Einen bemerkenswerten Tweet hat das „MKJFGFI“ abgesetzt. Diese kryptische Buchstabenfolge steht für ein Ministerium aus NRW.

Merke: Auch Vorfälle „unterhalb der Stafbarkeitsschwelle“ sollen gemeldet werden.

Dies bietet Anlass, um sich mit des deutschen Spießbürgers liebstem Hobby, dem Anschwärzen von Mitbürgern, zu beschäftigen. Damit das Thema auch schön polarisiert, am Beispiel des Denuntiantentums im Dritten Reich. Was hat es dazu nicht alles für tolle Studien, Dissertationen und Artikel gegeben?

Weniger bekannt ist jedoch, dass das Problem auch den Nazis bekannt war und als solches gesehen wurde. In Thürigen gab es z.B. wegen Überlastung der Gestapo einen Erlass des Innenministeriums, den ich seiner Kürze wegen im Originalwortlaut wiedergeben kann:

Erlass zur „Bekämpfung des Denunziantentums“ in Thüringen (26. Mai 1934)

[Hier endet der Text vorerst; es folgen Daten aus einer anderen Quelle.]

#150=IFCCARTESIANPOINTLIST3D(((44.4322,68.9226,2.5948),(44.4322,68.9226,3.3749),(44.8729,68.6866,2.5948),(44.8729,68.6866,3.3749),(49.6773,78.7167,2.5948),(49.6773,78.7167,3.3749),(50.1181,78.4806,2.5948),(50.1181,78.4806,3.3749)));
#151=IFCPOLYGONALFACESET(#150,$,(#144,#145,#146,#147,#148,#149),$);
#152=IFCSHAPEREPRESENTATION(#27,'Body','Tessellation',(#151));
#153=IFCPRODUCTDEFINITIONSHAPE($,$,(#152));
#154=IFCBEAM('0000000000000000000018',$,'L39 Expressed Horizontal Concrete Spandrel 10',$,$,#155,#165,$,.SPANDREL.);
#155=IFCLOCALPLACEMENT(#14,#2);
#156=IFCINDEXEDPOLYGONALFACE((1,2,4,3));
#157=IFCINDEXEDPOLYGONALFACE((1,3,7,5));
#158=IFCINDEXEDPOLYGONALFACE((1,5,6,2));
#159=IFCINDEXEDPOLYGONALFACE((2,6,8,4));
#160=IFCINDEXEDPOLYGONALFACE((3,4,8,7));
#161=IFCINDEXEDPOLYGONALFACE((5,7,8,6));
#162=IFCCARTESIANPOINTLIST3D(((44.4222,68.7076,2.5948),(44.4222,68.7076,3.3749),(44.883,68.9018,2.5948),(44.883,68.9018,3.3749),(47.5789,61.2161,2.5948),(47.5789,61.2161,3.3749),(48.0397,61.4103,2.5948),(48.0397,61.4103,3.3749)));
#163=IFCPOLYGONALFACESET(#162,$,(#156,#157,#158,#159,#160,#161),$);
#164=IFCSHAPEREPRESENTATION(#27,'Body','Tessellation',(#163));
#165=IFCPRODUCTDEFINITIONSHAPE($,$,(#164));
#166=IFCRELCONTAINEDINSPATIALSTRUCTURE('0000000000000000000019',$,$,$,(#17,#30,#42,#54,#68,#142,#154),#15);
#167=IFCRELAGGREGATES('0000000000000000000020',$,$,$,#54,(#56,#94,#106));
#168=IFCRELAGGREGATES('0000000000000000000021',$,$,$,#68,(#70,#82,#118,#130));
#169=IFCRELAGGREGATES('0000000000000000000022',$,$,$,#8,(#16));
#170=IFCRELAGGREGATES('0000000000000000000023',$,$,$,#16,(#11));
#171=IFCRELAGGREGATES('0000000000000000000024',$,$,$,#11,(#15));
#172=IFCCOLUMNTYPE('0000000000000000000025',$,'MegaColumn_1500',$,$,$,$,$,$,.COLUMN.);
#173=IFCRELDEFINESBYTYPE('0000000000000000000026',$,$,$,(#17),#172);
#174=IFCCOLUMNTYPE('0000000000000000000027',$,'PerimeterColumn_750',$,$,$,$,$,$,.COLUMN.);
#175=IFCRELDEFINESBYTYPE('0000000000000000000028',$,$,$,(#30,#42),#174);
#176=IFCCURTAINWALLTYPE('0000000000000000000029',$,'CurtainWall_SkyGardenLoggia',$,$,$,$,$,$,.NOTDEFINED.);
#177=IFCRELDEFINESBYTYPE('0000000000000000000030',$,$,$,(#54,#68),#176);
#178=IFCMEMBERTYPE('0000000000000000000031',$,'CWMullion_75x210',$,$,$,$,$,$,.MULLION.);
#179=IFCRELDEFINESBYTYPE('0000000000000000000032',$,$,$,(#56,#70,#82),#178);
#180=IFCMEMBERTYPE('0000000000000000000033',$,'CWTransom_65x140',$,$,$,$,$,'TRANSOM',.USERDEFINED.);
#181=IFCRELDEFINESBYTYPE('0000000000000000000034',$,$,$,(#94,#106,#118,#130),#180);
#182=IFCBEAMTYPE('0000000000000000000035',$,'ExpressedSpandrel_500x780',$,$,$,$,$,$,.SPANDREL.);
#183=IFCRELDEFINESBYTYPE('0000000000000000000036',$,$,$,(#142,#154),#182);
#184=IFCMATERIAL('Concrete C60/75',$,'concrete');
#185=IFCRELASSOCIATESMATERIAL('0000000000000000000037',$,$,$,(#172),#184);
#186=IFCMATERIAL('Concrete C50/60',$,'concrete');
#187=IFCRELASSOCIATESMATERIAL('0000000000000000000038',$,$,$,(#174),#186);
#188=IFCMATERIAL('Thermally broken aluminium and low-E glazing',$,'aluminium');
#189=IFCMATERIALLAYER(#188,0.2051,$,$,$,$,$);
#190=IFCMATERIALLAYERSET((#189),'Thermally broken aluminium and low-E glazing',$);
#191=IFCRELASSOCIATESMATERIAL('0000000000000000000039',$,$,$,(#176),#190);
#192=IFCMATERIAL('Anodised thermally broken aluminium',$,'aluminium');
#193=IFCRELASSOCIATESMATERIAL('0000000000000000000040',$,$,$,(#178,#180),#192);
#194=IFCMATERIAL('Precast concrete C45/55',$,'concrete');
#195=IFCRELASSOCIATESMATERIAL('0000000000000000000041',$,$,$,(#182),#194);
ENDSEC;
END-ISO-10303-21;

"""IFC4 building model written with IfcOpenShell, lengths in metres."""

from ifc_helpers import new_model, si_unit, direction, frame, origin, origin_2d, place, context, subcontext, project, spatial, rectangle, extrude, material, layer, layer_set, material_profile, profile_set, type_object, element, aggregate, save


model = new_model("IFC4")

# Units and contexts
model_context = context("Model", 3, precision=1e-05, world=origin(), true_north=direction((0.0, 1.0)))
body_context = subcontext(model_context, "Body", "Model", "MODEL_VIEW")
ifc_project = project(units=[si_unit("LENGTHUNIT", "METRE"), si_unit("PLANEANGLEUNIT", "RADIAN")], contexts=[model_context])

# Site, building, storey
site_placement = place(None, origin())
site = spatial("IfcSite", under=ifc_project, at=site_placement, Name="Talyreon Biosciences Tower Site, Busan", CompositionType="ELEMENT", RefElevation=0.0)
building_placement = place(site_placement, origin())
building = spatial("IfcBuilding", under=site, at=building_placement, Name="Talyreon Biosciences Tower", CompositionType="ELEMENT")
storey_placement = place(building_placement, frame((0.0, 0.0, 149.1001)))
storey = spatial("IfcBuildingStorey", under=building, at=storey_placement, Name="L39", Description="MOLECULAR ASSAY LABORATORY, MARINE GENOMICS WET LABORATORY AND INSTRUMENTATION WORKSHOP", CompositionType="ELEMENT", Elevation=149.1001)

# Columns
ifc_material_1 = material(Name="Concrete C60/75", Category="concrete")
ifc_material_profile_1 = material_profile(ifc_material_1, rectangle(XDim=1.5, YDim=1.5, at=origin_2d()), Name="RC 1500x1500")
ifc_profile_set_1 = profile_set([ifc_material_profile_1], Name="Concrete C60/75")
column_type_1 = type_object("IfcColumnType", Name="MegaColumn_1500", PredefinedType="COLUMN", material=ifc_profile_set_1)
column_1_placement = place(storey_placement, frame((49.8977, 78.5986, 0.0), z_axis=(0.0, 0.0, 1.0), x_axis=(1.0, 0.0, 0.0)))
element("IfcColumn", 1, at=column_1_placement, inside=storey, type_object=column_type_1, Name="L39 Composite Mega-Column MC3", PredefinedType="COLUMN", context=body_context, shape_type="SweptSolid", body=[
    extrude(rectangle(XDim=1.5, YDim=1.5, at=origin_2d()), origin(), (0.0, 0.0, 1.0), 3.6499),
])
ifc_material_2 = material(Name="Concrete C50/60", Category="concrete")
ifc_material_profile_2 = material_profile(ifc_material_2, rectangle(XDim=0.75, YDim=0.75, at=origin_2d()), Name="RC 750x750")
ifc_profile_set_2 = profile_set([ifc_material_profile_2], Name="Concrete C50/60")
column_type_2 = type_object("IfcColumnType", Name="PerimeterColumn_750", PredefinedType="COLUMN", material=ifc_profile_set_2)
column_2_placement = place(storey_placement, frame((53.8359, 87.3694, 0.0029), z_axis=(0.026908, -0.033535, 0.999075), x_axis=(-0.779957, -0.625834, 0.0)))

In der letzten Zeit ist eine erhebliche Zunahme des Denunziantentums festzustellen. Vielfach werden bei den Polizeibehörden Anzeigen wegen angeblich staatsfeindlicher Äußerungen erstattet. Bei näherer Prüfung ergibt es sich, daß diese Anzeigen fast ausschließlich auf persönliche Streitigkeiten zurückzuführen sind und daß die Äußerungen teilweise viele Monate zurückliegen. Namentlich werden bei Hausstreitigkeiten die Gegner oft politisch verdächtigt. Die Polizeibehörden werden daher angewiesen, gegen die leichtfertige Erstattung ungerechtfertigter Anzeigen auf Grund des § 164 des Strafgesetzbuches in der Fassung des Gesetzes vom 26. Mai 1933 (RGBl. S. 295) vorzugehen. Es muß mit allem Nachdruck dafür gesorgt werden, daß die des deutschen Volkes und des nationalsozialistischen Staates unwürdige Erscheinung des Denunziantentums verschwindet. – Thüringisches Ministerium des Innern

Heute leben wir bekanntlich im besten Deutschland aller Zeiten, das sich insbesondere auch als Gegenmodell zur Gewalt- und Willkürherrschaft im Dritten Reich versteht. Nun ist es leider so, dass man nicht immer und überall das Gegenteil der Nazis tun kann. Die Nazis sind z.B. jeden Morgen aufgestanden und haben ein Frühstück zu sich genommen. Das Gegenteil bestünde darin, sich jeden Morgen zu übergeben und danach wieder ins Bett zu gehen. Dies mag vielleicht noch in Studenwohnheimen funktionieren, ist aber als Handlungsempfehlung für die Gesellschaft untauglich. Die staatliche Aufforderung zum Denuntiantenum und die diesbezügliche Einrichtung von Meldestellen ist jedoch insoweit ambivalent. Das kann man natürlich machen. Meldewürdig verdächtig kann alles und jeder sein, denn Strafnormen sollen ja keine Rolle spielen. Mit Art. 23 DSGVO wird das bestimmt in Einklang zu bringen sein.